Our data show that SIRT1 protein levels and activity are decreased in individuals with type 2 diabetes to a higher extent in those with poor glycaemic control than in those with good glycaemic control. In patients with type 2 diabetes in whom glycaemic control is poor, a higher level of PAF-R protein is also observed. Obviously, differences might occur between the in-vitro biological regulation of SIRT1 in EPCs isolated from leucocyte-rich buffy coat of healthy individuals and that observed in patients with type 2 diabetes. Indeed, multiple direct or indirect regulatory mechanisms, not approached in this study, can take part in the complex signal transduction pathway of SIRT1 in glucose homeostasis and inflammation. Nevertheless, we unveil a link between SIRT1 and PAF signalling in the pathogenic pathway of glucose toxicity in EPCs. A major question is whether SIRT1 activation is a safe therapy for human diseases such as type 2 diabetes.
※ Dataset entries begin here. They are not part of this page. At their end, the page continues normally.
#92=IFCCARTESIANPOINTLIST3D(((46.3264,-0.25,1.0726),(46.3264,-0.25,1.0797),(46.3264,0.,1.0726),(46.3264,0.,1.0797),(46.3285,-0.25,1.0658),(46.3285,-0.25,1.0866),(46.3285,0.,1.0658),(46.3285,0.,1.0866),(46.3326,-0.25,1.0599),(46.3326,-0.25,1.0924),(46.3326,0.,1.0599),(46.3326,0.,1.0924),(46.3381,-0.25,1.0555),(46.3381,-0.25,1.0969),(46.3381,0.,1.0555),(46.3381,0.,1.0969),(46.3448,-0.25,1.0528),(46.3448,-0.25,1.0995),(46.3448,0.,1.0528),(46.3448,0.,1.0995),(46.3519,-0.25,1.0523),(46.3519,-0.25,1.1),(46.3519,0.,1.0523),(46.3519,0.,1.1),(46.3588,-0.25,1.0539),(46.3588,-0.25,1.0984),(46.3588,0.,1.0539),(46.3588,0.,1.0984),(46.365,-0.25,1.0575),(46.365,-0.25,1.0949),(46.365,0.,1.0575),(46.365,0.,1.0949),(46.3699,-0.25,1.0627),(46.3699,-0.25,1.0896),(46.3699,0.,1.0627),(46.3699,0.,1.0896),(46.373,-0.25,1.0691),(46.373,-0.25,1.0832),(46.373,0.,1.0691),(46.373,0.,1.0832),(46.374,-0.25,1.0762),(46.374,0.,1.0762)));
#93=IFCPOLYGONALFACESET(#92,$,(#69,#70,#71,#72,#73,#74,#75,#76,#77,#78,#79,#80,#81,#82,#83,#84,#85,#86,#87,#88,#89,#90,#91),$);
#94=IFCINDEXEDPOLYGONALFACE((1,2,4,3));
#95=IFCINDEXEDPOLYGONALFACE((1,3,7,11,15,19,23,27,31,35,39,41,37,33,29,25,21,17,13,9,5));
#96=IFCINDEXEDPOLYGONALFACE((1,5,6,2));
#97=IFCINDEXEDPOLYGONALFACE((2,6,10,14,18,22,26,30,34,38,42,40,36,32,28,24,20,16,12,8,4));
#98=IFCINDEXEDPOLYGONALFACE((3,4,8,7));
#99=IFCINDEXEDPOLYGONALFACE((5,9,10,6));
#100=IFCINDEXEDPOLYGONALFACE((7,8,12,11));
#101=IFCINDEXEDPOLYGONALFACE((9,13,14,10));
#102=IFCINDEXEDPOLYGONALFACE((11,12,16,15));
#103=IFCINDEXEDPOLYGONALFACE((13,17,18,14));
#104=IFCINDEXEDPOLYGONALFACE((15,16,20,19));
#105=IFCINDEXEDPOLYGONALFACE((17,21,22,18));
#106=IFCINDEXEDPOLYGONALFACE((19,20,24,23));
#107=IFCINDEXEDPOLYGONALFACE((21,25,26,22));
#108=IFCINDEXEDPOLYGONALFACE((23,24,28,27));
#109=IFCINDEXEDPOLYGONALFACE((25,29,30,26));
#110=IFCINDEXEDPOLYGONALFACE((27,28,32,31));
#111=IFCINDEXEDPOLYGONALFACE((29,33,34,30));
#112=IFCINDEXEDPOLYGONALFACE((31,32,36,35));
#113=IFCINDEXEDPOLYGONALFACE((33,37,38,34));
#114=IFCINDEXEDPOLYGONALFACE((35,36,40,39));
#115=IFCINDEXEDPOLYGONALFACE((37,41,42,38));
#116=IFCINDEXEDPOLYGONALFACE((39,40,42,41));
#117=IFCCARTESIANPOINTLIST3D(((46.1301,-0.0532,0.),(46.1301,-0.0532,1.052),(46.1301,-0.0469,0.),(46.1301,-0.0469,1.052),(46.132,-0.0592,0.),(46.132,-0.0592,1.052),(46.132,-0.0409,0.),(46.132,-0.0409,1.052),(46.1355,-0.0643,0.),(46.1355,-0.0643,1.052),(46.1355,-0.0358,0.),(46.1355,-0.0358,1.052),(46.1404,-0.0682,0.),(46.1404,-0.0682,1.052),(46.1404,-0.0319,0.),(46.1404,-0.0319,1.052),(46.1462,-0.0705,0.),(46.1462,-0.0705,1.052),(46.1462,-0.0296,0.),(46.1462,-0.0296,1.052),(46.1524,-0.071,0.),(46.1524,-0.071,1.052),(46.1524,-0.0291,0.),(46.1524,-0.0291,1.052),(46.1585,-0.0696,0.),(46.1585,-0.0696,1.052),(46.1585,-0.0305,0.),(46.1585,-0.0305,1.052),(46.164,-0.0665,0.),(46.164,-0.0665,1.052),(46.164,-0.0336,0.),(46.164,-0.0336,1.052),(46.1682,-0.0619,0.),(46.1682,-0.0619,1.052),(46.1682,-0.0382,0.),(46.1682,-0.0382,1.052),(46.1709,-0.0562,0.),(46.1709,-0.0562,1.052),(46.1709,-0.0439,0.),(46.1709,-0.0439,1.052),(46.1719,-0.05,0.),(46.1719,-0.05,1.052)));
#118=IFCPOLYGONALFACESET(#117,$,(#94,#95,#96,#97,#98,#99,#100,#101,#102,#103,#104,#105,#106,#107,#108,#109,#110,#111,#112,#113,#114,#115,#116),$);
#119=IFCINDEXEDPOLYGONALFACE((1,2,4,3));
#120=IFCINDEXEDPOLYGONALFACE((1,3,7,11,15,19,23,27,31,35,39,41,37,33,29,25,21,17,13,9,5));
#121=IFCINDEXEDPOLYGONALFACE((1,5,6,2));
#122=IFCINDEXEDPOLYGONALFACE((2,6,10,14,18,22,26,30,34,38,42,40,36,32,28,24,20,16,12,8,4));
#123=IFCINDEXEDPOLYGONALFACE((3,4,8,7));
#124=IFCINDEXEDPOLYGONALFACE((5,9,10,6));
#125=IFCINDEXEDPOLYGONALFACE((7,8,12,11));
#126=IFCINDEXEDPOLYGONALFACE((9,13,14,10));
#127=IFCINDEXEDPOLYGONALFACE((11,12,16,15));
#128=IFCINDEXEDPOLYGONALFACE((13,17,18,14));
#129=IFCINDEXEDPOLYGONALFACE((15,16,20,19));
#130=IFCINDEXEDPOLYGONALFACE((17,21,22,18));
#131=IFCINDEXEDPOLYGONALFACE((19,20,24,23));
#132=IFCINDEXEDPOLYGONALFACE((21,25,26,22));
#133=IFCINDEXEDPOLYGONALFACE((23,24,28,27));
However, the pathways involved in type 2 diabetes that are regulated by SIRT1 are very complex given the presence of various crucial intermediaries in metabolic tissues, which can be targeted for future prospects [41]. To date, the pharmacological search for active small SIRT1 inhibitors or activators is underway but the in-vivo effects of such compounds have not been fully established due to the intricacy of the regulatory mechanism and the multiple and overlapping biochemical pathways involved [25].
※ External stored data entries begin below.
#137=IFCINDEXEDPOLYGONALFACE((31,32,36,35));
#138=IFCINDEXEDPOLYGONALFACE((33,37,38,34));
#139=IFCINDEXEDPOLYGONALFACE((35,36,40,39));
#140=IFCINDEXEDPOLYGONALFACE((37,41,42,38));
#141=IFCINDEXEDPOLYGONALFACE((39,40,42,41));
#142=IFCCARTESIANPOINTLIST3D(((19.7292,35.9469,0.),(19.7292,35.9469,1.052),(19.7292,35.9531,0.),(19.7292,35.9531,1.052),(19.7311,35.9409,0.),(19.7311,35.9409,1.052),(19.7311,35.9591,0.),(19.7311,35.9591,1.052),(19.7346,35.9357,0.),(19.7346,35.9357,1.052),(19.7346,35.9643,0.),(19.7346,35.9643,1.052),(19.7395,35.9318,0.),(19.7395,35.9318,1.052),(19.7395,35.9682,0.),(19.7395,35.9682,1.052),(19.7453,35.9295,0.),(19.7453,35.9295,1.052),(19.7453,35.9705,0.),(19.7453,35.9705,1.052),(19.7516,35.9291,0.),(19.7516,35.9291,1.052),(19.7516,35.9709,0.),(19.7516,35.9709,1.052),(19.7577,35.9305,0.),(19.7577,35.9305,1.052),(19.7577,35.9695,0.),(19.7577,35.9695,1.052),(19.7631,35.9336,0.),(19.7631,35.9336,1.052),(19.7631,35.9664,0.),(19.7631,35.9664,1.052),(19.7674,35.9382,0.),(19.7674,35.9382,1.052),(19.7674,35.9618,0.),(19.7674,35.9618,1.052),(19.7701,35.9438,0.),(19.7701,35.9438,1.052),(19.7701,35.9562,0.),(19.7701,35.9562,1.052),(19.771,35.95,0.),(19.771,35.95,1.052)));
In conclusion, the results of this study confirm that SIRT1 is a regulator of EPC levels during altered glucose homeostasis and suggest that this pathway could be influenced by PAF/PAF-R signalling. Although the role of the PAF/PAF-R signalling cascade in the modulation of SIRT1 activity needs to be clearly defined with further studies, these findings provide further insight into the mechanisms by which EPCs exhibit impaired vascular repair and abnormal neovasculogenesis in diabetic patients.